Wilkinson says Ottawa not looking to curb oil production in attempt to calm oilpatch fears
In a trip to Calgary this week, Natural Resources Minister Jonathan Wilkinson will try to assuage oilpatch leaders’ fears with a message that the Liberal government’s climate plan will not curtail fossil fuel production, at least in the short term.
The federal government just closed consultations on a proposal to cap greenhouse gas emissions from the oil and gas sector, stoking fears in the oilpatch over potential future curbs on production. The proposal has also drawn noisy objections from Alberta politicians, who have argued Ottawa is at risk of overstepping provinces’ constitutional right to control natural resource development.
Wilkinson said Ottawa doesn’t expect to see significant declines in the use of oil prior to 2030, though he added some reductions could begin prior to 2035.

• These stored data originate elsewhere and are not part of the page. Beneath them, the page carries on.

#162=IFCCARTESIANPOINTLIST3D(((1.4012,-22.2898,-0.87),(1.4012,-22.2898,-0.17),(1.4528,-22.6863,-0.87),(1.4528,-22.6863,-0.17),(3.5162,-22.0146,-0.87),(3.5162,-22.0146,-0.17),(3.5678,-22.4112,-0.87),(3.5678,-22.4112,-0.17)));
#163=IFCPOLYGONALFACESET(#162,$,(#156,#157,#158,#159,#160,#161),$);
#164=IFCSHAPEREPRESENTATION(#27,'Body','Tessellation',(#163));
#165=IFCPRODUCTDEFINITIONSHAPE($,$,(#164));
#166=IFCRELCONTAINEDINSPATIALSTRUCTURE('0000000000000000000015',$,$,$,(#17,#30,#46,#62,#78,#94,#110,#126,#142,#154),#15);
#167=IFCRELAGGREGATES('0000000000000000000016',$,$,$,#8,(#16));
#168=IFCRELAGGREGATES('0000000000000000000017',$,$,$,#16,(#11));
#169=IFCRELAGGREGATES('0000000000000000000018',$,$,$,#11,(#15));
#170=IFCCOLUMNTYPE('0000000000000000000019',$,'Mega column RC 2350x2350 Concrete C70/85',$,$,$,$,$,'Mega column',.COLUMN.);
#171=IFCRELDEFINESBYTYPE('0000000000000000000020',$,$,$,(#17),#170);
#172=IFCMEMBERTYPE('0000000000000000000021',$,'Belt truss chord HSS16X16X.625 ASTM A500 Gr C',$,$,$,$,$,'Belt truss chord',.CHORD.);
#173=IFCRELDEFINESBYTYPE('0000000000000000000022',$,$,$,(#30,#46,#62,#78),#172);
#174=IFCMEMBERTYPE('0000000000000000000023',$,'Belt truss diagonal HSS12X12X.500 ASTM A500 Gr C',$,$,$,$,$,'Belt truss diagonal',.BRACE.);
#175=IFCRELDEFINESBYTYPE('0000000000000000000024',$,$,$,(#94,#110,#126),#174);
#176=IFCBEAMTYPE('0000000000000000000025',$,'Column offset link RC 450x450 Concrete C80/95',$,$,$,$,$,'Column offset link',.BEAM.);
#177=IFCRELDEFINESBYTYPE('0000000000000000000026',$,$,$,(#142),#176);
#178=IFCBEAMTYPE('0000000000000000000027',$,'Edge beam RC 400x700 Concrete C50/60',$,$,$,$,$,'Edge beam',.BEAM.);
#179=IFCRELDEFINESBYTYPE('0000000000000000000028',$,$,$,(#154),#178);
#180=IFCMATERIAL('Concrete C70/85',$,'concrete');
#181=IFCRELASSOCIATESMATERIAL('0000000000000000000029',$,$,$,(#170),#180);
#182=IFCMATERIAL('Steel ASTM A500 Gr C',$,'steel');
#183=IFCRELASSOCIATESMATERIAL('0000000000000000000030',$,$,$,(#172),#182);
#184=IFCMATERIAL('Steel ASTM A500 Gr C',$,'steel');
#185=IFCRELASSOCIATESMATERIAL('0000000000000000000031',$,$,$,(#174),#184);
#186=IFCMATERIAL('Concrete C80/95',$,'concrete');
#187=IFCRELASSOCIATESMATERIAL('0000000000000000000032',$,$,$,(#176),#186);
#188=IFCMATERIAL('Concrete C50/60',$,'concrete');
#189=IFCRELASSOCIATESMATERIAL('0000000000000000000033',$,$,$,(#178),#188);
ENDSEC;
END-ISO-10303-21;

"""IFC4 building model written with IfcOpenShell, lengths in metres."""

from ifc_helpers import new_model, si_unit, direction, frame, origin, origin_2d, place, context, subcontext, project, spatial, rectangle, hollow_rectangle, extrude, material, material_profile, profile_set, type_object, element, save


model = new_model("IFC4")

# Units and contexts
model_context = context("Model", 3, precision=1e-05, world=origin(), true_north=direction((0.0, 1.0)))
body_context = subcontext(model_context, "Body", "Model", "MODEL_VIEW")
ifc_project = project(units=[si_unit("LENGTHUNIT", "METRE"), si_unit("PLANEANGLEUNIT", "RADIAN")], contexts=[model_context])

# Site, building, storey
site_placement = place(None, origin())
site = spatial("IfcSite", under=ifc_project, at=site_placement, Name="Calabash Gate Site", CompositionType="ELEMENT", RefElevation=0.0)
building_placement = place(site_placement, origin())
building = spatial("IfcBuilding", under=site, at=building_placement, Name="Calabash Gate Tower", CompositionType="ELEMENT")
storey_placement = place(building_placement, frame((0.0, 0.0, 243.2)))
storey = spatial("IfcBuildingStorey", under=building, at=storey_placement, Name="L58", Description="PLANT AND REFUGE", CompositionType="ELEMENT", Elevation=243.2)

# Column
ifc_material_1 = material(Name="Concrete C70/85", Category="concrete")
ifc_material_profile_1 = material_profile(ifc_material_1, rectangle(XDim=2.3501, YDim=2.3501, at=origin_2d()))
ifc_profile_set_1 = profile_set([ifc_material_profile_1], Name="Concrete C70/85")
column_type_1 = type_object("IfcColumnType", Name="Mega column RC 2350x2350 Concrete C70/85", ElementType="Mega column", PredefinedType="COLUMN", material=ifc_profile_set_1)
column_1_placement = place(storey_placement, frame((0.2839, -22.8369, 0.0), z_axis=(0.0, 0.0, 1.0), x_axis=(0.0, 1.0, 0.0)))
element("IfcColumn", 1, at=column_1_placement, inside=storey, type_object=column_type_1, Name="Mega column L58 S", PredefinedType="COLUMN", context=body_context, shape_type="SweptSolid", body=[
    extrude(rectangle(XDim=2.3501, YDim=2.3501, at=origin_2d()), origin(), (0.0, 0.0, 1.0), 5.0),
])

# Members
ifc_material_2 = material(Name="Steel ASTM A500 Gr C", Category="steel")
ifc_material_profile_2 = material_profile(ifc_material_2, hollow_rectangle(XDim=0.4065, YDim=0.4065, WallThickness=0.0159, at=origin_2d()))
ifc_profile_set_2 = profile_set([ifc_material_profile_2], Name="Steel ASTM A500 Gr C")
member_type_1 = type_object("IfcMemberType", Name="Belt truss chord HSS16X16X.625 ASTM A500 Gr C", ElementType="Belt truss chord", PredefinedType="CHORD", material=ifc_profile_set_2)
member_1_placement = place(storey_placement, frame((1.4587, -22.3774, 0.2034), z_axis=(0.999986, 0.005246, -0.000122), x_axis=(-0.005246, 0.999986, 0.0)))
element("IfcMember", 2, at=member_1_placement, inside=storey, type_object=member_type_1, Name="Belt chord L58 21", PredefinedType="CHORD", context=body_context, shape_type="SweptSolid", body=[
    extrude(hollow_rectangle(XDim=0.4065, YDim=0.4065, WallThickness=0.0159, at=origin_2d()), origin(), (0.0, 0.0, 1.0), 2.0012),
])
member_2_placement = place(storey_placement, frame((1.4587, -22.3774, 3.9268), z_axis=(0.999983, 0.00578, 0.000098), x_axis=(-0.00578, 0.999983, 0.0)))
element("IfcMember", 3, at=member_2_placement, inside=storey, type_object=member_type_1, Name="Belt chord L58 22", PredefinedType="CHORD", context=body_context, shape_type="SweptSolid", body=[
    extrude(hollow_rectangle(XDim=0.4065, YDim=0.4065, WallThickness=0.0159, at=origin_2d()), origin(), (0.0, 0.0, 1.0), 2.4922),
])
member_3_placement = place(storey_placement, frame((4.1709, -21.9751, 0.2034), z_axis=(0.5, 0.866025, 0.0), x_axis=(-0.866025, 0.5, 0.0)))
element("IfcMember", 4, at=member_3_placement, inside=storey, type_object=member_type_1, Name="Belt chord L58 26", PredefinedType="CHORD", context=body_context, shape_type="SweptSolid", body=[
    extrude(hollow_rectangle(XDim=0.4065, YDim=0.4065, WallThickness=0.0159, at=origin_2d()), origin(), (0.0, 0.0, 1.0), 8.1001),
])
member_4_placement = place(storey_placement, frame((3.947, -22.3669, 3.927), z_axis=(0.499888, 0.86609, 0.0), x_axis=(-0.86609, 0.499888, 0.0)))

“Eventually, we will (see declines), if we are making progress towards reducing emissions, as we see zero-emission vehicles deployed in larger numbers in particular,” Wilkinson said in an interview.
“In the short term, we need to find ways to reduce emissions on a pathway where we are not looking to reduce the production of oil, we’re not looking to shut in production.”

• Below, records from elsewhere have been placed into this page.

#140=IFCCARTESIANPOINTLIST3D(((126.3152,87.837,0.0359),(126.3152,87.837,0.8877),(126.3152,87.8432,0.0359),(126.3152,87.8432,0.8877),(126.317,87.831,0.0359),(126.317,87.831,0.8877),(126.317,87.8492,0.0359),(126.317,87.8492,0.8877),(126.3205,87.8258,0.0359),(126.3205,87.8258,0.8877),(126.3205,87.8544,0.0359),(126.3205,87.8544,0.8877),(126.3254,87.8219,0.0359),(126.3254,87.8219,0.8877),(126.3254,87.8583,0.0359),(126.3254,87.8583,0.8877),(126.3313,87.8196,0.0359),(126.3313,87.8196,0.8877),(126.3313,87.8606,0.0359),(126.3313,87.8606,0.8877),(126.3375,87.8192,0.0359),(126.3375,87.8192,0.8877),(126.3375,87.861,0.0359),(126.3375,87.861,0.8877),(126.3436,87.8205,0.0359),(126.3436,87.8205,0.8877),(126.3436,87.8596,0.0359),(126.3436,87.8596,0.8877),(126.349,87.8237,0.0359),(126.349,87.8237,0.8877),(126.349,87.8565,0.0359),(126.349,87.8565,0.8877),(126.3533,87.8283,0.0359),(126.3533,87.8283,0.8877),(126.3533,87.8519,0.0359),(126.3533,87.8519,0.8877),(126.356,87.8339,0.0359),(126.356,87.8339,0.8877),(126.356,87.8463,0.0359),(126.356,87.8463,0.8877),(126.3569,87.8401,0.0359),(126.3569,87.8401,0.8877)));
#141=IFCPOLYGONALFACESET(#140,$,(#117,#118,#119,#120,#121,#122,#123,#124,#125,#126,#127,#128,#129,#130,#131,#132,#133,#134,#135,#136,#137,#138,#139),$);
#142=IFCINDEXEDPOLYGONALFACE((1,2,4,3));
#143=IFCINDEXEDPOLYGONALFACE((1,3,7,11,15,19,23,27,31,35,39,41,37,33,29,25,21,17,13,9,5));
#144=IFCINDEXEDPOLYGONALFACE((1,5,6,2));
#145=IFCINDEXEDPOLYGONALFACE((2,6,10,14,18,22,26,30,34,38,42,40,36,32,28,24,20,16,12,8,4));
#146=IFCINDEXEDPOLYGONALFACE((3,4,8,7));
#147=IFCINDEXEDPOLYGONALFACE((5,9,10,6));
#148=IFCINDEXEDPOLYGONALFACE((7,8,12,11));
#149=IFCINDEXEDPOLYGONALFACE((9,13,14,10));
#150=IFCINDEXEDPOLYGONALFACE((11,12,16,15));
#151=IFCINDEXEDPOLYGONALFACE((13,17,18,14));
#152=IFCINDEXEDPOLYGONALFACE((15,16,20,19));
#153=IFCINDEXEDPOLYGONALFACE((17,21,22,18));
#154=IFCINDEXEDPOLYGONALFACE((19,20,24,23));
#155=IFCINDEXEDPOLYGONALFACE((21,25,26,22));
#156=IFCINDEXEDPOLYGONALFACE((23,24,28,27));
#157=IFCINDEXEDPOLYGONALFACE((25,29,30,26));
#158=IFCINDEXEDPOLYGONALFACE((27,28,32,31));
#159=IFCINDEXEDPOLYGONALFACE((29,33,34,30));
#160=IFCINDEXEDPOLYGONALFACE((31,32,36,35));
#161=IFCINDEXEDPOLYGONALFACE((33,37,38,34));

Wilkinson said he hopes to work collaboratively with the industry to ensure emissions reductions can be achieved economically, because time is getting short for Canada to meet its climate targets.
If we're going to make significant reductions by 2030, we're running out of time
“We’re running out of time,” Wilkinson said. “If we’re going to make significant reductions by 2030, we’re running out of time. Especially when many emissions reductions require significant capital projects. We need to move this along. We don’t have three years to have a conversation about these things.”

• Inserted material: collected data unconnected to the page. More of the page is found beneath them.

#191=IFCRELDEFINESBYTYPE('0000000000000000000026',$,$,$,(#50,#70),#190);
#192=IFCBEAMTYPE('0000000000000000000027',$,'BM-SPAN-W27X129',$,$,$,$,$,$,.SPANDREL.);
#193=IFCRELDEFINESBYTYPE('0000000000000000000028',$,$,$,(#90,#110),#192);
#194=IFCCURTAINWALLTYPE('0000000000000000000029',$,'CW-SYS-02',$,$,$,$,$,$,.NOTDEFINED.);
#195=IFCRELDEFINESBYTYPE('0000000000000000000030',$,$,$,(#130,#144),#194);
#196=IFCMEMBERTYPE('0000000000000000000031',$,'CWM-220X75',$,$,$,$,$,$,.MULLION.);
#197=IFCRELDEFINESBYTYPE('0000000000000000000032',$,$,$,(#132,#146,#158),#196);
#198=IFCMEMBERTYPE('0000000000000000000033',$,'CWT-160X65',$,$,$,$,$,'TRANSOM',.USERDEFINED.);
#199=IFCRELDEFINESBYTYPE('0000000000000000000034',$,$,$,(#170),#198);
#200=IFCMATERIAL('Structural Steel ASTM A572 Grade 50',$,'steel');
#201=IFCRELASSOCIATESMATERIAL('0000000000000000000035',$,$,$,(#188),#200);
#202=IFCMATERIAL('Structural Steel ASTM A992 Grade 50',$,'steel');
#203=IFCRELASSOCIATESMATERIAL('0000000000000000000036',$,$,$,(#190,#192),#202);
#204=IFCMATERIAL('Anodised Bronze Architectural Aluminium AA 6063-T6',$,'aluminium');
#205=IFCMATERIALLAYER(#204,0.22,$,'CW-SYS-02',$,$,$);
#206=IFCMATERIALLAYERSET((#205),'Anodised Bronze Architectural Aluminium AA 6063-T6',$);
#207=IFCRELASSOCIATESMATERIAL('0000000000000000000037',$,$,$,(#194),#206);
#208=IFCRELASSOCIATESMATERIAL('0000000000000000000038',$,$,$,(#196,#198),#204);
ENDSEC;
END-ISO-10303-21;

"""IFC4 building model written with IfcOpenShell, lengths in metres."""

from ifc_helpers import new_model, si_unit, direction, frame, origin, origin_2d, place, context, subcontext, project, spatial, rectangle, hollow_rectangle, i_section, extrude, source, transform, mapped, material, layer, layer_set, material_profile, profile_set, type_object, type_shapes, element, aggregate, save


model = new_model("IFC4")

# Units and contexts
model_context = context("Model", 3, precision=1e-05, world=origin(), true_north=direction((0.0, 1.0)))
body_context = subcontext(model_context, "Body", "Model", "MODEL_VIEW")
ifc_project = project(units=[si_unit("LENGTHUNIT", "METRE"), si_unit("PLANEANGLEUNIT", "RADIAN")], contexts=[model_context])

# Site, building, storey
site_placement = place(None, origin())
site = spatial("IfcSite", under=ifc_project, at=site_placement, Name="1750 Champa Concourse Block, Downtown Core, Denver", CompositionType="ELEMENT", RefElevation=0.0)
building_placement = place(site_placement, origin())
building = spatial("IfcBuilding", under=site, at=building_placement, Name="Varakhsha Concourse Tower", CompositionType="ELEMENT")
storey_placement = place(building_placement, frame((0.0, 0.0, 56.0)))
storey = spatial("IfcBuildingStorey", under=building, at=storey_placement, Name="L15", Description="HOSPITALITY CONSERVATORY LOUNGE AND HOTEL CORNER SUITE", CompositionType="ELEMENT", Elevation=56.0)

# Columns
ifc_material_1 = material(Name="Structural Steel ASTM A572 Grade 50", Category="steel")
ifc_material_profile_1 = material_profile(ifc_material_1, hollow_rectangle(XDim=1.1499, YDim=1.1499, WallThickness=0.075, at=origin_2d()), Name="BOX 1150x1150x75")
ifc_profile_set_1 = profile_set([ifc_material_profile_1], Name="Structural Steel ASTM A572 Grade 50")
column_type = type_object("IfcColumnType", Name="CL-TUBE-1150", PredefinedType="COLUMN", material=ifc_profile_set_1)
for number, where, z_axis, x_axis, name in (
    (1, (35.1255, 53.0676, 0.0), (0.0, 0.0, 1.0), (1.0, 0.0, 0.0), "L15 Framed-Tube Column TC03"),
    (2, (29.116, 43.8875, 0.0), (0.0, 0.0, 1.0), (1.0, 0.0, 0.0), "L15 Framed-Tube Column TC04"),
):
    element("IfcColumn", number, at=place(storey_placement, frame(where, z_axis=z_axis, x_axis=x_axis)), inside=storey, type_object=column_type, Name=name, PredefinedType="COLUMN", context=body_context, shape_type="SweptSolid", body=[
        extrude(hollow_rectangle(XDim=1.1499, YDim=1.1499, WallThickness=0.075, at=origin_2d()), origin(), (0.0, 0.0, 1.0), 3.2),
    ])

Ottawa has already introduced a suite of policies aimed at reducing emissions across the Canadian economy, including a price on carbon, clean fuel regulations and an investment tax credit for capital invested in carbon capture, utilization and storage.
But last July, Ottawa announced it would be gathering feedback on a proposed hard cap on oil and gas emissions, including a possible sector-specific cap-and-trade system or a modified carbon pricing system.
The Trudeau government has previously said the sector must reach an emissions reduction target of 110 million tonnes by 2030, equivalent to a 42 per cent cut from 2019 levels — reductions that some in the oil and gas industry have argued can’t be achieved without shutting in production.
During his swing through Alberta, the minister said he will be meeting with members of the Pathways Alliance — an organization representing some of the biggest firms in the oilsands — and the Canadian Association of Petroleum Producers (CAPP).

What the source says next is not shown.